Travere shares fall after US FDA extends review of kidney drug

The U.S. FDA has extended its review of Travere Therapeutics' Sparsentan for use in focal segmental glomerulosclerosis and set a new decision date of April 13; Travere said it had responded to the agency's request for more data and reported no safety or manufacturing queries.

The U.S. Food and Drug Administration has extended its review of Travere Therapeutics' application to broaden use of its kidney drug Sparsentan for focal segmental glomerulosclerosis (FSGS). Travere said the extension followed its recent response to the FDA's request for more data on the drug's clinical benefit. The company also reported that the agency had not requested additional safety or manufacturing information. Reuters reported that the announcement coincided with a near 20% drop in Travere's share price.

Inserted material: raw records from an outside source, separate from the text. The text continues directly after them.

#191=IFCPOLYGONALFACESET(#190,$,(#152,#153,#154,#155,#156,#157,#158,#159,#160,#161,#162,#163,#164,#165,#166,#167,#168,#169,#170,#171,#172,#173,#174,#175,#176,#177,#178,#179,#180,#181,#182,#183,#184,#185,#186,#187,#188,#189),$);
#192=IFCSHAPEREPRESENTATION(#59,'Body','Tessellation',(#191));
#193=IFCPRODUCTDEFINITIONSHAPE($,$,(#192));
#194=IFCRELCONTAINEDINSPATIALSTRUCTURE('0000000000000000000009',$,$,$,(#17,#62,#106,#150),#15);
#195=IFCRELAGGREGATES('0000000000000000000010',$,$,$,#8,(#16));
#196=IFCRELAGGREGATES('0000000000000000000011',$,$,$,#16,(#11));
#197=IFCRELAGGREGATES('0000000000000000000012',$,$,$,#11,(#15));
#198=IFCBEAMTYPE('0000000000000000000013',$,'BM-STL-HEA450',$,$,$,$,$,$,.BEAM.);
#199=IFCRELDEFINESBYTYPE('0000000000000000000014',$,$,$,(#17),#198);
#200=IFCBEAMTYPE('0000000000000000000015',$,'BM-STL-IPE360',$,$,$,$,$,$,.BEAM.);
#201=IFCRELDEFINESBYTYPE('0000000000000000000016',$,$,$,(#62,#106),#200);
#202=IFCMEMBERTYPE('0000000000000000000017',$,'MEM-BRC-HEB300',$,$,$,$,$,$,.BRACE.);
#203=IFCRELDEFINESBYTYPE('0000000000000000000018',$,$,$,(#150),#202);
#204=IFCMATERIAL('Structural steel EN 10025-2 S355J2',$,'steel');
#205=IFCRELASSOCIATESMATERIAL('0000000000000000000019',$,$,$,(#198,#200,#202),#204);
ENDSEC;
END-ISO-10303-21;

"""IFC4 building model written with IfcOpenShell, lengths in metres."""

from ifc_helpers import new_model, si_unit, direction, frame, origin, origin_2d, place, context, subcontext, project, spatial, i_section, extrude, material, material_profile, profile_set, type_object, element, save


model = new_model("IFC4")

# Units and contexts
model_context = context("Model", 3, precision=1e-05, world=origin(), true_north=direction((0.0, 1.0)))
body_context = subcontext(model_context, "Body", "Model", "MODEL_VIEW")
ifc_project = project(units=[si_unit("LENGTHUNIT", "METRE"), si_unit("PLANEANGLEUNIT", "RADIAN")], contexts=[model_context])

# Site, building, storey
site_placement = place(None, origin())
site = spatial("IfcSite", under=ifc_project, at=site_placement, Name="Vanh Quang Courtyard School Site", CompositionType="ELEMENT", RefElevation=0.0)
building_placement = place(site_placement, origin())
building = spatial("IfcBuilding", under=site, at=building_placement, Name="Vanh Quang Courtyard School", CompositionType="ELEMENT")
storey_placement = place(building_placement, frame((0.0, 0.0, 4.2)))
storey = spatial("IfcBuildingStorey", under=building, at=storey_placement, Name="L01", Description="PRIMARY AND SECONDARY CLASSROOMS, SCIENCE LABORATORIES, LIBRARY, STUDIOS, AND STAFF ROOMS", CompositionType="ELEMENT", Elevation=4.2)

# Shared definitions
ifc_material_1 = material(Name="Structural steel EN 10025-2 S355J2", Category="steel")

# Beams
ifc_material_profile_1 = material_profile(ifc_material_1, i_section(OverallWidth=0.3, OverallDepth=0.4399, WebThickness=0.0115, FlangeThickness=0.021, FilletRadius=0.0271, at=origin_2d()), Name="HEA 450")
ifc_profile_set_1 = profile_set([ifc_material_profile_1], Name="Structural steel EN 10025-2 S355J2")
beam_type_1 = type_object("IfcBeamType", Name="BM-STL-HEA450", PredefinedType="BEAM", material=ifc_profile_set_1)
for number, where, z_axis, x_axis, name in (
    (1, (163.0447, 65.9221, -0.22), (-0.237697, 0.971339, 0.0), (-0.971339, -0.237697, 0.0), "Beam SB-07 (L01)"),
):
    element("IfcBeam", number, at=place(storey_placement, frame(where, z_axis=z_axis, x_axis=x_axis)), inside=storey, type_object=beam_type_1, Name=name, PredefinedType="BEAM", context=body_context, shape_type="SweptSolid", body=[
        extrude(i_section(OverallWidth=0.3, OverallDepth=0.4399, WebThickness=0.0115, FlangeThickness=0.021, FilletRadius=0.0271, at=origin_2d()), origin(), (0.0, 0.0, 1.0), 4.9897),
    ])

Key details: - The FDA set a new decision date of April 13. - Travere responded to an FDA request for more data on clinical benefit. - The company said no additional safety or manufacturing information was requested. - Reuters reported shares fell nearly 20% in afternoon trading after the announcement. Summary: The extension delays a final regulatory decision on Sparsentan's use in FSGS and coincided with a drop in the company's share price. A final decision by the FDA is scheduled for April 13, and Travere said it will continue to work with the agency during the extension period.